Nadie duda de la grandeza de la novela de Cervantes, faltaría más. Pero pon a un niño de seis años de pie, en su pupitre, delante de sus compañeros de clase, y exígele que lea en voz alta cualquier párrafo de tan insigne obra:
«Viendo, pues, que en efecto no podía menearse, acordó de acogerse a su ordinario remedio, que era pensar en algún paso de sus libros, y trájole su cólera a la memoria aquel de Baldovinos y del marqués de Mantua, cuando Carloto le dejó herido en la montaña…».
Nadie sobrevive a una experiencia como esa. Y si alguien lo consigue, en su inconsciente habrá quedado grabado el horror de sus primeras lecturas hasta el final de sus días.
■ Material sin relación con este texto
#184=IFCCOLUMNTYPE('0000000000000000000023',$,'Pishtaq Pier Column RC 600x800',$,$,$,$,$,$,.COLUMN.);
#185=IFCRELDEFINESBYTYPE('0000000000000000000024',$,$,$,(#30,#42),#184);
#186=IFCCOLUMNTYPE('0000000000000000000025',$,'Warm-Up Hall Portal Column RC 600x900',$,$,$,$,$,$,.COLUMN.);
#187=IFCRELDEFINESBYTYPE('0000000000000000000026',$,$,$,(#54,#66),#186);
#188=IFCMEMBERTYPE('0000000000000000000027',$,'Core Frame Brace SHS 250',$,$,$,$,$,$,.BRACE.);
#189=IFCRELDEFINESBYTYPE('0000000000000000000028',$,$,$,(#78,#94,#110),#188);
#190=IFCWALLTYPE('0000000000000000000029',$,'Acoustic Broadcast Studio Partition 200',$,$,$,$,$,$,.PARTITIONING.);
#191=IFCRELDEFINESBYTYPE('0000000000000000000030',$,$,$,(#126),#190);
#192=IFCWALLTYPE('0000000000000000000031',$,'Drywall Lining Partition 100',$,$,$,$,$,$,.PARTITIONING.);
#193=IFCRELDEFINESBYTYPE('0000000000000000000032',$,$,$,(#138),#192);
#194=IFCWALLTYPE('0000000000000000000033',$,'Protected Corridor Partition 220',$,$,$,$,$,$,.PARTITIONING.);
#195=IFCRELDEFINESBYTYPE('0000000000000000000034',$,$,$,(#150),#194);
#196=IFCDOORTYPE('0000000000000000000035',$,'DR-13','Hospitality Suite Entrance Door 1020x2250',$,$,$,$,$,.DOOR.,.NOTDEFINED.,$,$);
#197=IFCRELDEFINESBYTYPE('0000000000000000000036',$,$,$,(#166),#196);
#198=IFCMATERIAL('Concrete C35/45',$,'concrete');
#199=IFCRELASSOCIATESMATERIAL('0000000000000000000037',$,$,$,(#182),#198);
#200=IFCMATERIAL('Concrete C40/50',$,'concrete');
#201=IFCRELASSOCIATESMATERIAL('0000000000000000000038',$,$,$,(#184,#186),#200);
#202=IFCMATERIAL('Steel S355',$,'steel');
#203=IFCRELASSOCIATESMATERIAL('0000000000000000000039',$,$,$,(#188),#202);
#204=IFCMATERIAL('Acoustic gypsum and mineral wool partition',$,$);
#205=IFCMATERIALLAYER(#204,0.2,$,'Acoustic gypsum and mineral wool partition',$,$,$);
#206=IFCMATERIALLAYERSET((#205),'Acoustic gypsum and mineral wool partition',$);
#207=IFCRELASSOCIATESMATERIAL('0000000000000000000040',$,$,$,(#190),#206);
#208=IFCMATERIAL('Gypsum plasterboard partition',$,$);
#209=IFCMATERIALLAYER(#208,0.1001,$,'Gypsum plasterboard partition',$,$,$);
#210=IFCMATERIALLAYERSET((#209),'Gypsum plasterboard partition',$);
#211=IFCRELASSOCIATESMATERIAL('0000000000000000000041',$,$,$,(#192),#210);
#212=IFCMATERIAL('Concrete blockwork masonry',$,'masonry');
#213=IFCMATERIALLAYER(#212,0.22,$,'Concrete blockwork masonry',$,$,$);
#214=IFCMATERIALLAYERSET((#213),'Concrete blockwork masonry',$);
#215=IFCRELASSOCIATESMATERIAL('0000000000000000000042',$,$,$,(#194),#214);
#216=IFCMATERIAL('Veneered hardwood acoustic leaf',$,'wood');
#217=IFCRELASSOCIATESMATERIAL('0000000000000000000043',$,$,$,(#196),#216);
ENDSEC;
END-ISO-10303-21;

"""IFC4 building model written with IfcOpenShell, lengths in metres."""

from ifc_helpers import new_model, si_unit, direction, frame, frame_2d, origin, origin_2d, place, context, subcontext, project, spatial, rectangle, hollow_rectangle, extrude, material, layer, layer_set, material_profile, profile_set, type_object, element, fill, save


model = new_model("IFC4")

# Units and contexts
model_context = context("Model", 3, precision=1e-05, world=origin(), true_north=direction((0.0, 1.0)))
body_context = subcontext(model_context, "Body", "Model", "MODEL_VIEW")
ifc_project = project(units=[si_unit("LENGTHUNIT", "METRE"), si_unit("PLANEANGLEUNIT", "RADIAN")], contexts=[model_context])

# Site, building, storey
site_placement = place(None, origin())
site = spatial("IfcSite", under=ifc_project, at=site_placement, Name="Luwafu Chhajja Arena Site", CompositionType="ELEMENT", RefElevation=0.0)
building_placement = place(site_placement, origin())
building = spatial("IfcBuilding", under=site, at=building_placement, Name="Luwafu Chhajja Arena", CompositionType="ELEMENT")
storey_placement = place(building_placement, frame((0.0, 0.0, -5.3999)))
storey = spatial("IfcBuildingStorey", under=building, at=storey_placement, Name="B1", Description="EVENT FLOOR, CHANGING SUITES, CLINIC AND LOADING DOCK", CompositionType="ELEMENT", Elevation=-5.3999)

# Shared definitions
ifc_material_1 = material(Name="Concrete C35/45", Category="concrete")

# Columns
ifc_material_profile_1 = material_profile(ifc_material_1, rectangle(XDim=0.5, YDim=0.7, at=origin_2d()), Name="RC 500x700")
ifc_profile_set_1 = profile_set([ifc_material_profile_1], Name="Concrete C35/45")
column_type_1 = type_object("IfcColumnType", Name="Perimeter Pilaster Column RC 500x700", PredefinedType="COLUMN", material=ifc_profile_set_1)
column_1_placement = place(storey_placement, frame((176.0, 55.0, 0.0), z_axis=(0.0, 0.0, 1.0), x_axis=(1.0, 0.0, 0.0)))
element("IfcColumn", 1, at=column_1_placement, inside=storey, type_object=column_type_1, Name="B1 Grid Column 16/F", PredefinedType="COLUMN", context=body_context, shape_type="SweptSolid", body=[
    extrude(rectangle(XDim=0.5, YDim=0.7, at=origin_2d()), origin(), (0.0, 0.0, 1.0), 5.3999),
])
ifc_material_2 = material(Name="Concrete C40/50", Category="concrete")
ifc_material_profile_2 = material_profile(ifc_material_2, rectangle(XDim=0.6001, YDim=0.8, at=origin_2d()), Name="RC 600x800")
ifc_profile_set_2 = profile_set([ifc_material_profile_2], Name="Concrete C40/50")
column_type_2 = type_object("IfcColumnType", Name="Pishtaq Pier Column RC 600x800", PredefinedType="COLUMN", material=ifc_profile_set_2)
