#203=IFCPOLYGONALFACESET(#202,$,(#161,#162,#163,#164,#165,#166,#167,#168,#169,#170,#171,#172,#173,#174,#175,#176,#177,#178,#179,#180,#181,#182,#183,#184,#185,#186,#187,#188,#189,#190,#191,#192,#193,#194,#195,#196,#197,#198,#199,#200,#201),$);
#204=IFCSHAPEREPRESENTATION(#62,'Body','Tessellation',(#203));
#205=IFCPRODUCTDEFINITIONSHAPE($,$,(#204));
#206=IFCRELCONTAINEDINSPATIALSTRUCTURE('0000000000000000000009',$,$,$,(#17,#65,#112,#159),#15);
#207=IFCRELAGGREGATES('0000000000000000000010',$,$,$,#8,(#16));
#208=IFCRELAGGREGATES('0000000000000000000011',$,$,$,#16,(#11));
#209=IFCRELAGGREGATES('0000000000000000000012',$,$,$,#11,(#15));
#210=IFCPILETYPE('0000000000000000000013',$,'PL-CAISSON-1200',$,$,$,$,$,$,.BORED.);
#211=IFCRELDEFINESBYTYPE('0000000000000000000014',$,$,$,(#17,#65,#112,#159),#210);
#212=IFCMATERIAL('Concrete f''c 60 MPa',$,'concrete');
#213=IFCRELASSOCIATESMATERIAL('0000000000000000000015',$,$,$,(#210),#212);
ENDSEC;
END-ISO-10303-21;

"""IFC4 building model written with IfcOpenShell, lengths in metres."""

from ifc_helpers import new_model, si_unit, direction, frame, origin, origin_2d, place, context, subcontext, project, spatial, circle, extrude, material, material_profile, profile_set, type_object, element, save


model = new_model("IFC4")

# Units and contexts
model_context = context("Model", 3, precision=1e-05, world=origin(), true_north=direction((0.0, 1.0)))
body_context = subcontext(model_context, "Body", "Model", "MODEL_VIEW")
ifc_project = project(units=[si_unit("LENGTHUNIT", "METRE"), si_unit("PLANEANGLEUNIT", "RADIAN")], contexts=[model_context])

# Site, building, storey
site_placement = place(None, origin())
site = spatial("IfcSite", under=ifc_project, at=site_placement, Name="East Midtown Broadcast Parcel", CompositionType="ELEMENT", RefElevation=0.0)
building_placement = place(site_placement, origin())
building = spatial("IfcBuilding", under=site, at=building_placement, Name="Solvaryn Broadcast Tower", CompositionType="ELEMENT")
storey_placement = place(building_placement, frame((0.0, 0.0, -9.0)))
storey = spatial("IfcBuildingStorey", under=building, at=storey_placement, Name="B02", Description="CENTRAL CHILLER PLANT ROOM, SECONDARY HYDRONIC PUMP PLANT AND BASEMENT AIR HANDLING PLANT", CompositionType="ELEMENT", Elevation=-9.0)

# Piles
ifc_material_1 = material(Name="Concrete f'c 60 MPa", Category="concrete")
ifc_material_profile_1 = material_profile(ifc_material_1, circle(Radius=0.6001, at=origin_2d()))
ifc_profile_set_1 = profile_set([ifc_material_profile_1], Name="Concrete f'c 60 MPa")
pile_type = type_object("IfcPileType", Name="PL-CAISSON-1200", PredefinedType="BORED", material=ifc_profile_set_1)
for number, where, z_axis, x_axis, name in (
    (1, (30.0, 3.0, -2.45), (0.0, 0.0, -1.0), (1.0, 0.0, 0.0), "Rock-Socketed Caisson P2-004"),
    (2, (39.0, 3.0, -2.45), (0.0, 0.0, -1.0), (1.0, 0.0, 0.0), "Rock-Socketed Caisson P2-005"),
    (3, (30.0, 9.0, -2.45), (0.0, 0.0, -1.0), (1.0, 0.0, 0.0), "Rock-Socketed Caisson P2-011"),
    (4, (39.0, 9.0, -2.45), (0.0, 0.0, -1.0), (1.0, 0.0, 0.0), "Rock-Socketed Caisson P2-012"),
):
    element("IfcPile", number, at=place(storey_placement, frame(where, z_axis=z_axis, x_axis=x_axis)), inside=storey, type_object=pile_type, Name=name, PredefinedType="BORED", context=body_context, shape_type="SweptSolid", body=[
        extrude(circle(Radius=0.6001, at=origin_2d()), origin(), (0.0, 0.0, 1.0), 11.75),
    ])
Aprender a leer de pie y en voz alta es una tortura que viene de antiguo. Stephen Greenblatt, en su libro El giro, nos cuenta cómo ya en el siglo IV el santo copto Pacomino así se lo exigía a los jóvenes monjes de los monasterios por él fundados en el antiguo Egipto.
«Y si es analfabeto irá a la hora prima, tercia y sexta con alguien que pueda enseñarle y que habrá sido designado para ello. Se mantendrá de pie delante de él y estudiará con la mayor atención y con toda gratitud. Se escribirán para él los elementos de las sílabas, los verbos y los nombres y, aunque no quiera, se le obligará a leer».
Este maltrato literario no solo no decayó con el paso del tiempo, sino que continuó empeorando. Doscientos años más tarde, la regla de San Benito, la mayor en aquel momento, mostró especial rigor con los frailes reacios a la práctica de la lectura.
«A la negativa de leer durante las horas de rigor se respondería primero con una reprimenda en público y luego, si el individuo persistía en su rechazo a la lectura, se le trataría a golpes».
En el presente la realidad es muy distinta. Los niños comienzan muy pronto a familiarizarse con los libros. Aprenden a distinguir el boca arriba del boca abajo, a hojear, a identificar dibujos e incluso a diferenciarlos de las letras que los acompañan. Así descubren también, de forma intuitiva, que esas letras tienen un significado implícito.
Después aprenden a deletrear las palabras más sencillas y frecuentes. Los cuentos, paulatinamente, van ganando en vocabulario. Eso les permite adentrarse en las mayúsculas, la puntuación, los fonemas… Y todo, desde la sensación de que son ellos los que se adueñan de las palabras y no al revés.
De este modo, cuando finalmente un niño comienza a comprender un texto con cierta fluidez, lo hace con la certeza de que leer y placer son una misma cosa. Y eso lo cambia todo. Porque entonces la lectura se convierte en su herramienta fundamental de acceso al conocimiento.
La lástima es que conseguir algo que hoy nos parece tan simple nos ha llevado más de mil años de castigos y reprimendas. Y lo irónico del caso es que ahora que contamos con las generaciones más capacitadas emocionalmente para disfrutar de la lectura en toda su potencialidad, la abrumadora hegemonía de la imagen audiovisual no les deja aprovecharlo.
Siempre es lo mismo. Y es que no hay manera de que el tiempo de los hombres y el tiempo de la historia consigan, al menos de vez en cuando, ponerse de acuerdo.